KALTENG.CO – Pemerintah tengah gencar menggelar vaksinasi. Penerima vaksin berkembang dari masyarakat umum ke masyarakat adat dan kelompok rentan.
Namun menggelar vaksinasi bagi masyarakat yang berada di lokasi terpencil, minim akses informasi, atau menyandang disabilitas bukan hal mudah.

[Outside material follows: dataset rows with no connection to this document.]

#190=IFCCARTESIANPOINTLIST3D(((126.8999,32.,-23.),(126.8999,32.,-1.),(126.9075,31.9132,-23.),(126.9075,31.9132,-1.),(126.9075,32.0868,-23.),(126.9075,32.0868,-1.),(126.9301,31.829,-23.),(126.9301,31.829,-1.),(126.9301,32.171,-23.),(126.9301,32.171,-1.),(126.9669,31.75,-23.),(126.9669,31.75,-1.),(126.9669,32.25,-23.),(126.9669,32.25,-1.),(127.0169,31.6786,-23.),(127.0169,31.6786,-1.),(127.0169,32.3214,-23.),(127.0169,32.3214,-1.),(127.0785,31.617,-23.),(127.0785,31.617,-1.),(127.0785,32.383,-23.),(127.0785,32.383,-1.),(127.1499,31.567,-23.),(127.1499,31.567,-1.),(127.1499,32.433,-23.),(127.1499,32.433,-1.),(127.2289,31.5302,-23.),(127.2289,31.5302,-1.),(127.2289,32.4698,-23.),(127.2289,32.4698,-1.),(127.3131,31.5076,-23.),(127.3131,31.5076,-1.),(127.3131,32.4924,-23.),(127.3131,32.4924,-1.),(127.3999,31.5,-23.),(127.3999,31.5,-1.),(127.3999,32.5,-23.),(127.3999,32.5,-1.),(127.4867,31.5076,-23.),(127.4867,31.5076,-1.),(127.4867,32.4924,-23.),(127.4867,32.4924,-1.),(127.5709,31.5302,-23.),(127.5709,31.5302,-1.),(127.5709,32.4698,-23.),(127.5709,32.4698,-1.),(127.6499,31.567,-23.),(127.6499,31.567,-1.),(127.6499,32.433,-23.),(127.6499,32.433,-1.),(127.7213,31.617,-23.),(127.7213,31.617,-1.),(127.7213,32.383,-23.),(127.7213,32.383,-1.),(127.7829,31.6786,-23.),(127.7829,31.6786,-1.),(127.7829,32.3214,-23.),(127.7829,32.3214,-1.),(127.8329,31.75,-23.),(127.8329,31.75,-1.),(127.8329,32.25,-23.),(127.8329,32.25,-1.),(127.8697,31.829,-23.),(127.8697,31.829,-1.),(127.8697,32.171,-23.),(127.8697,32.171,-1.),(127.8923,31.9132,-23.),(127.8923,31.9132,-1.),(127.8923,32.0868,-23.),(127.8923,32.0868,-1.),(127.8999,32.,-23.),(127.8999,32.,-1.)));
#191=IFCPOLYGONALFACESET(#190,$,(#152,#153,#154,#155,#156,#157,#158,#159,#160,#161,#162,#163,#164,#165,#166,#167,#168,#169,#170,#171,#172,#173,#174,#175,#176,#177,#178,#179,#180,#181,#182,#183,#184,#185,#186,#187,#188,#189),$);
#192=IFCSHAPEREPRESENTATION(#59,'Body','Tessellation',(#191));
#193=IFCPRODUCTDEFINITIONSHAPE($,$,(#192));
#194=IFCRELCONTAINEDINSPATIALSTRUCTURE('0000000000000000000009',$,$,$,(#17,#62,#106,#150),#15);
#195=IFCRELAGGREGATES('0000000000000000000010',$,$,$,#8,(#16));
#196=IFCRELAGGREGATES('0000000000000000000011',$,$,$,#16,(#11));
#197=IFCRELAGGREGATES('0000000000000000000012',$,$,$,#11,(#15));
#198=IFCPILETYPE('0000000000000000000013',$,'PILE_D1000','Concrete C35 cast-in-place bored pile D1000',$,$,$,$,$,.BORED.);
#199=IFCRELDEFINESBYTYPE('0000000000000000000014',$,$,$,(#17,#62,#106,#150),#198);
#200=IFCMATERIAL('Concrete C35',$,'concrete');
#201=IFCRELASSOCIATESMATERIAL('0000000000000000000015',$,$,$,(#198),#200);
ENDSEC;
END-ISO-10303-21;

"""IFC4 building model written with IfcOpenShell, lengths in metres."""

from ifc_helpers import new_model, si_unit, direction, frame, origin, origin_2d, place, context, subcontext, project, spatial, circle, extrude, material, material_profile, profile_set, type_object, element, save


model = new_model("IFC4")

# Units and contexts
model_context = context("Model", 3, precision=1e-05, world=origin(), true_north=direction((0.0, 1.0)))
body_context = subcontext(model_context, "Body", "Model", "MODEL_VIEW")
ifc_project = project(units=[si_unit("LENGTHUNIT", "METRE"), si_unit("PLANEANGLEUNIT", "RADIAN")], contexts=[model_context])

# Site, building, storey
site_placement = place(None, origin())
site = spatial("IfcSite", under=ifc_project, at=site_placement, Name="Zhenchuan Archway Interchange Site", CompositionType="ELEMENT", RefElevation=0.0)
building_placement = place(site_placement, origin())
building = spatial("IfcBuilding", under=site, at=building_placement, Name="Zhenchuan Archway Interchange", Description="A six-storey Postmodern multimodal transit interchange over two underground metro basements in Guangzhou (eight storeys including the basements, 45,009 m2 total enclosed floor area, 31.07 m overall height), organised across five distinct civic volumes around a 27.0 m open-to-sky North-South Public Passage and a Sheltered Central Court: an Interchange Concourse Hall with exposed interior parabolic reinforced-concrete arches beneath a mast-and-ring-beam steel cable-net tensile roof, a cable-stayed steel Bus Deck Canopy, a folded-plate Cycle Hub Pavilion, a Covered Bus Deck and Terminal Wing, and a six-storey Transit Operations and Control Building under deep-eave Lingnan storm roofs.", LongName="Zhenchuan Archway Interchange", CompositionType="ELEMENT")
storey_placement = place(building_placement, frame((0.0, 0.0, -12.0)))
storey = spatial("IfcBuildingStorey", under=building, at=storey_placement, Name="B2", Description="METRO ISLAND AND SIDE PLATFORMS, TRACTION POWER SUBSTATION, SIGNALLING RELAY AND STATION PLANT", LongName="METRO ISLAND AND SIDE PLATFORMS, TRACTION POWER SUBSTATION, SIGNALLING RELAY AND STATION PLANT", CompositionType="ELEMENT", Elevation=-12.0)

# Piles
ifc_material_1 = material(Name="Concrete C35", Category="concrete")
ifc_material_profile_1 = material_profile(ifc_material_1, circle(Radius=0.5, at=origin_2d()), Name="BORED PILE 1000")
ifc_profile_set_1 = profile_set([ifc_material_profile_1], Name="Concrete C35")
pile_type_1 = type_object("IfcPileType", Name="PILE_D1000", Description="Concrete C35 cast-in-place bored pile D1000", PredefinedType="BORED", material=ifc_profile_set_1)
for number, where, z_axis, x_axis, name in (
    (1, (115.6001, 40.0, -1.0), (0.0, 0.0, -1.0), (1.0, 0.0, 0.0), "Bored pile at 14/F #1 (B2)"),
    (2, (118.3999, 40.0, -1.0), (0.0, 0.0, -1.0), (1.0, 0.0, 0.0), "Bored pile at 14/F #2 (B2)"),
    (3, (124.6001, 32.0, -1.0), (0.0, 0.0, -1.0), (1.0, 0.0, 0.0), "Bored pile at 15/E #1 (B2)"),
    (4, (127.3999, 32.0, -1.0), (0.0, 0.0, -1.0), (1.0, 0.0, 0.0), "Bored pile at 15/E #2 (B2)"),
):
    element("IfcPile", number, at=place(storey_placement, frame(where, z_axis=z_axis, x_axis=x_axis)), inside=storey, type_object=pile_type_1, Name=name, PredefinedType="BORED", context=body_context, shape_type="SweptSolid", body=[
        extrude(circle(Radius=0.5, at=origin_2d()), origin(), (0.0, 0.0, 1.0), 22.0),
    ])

Banyak tantangan di temui di lapangan.
Hamid Abidin, Direktur Eksekutif Filantropi Indonesia–perhimpunan nirlaba dan independen yang bergiat memperkuat aktivitas filantropi demi keadilan sosial dan pembangunan berkelanjutan–mengungkapkan tantangan vaksinasi terutama adalah minimnya ketersediaan data yang terbarui dan terverifikasi.
Program vaksinasi ini membuka mata semua orang bahwa betapa lemahnya ketersediaan data kependudukan kelompok disabilitas, masyarakat adat, warga di pedalaman, dan berbagai kelompok rentan lain.
Momentum untuk Membenahi Data Kependudukan
“Karena itu, kami menyerukan agar pemerintah menggunakan program vaksinasi Covid-19 sebagai momentum untuk secara serius membenahi data kependudukan,” kata Hamid Abidin melalui siaran pers yang di terima kalteng.co.
Dalam dis kusi Philanthropy Learning Forum, yang di gelar secara daring pada Selasa (31/8/2021), Hamid mengemukakan kesulitan mendapatkan data saat menggelar vaksinasi bagi masyarakat adat dan kelompok rentan.
Untuk masyarakat adat, saat ini belum ada data resmi yang menyebut berapa jumlah mereka. Saat ini, belum ada terminologi yang di sepakati bersama siapa yang di sebut masyarakat adat.
Aturan tentang masyarakat adat, hingga kini masih dalam bentuk rancangan undang-undang. Aliansi Masyarakat Adat Nusantara (AMAN) memperkirakan jumlahnya kisaran 40-70 juta jiwa.
Data penyandang disabilitas yang ada di berbagai lembaga pemerintah juga bisa berbeda-beda dan entah data mana yang lebih akurat. Jika merujuk pada Sistem Informasi Manajemen Penyandang Disabilitas (SIMPD) Kementerian Sosial, jumlah penyandang disabilitas yang terekam per 13 Januari 2021 mencapai 209.604 orang.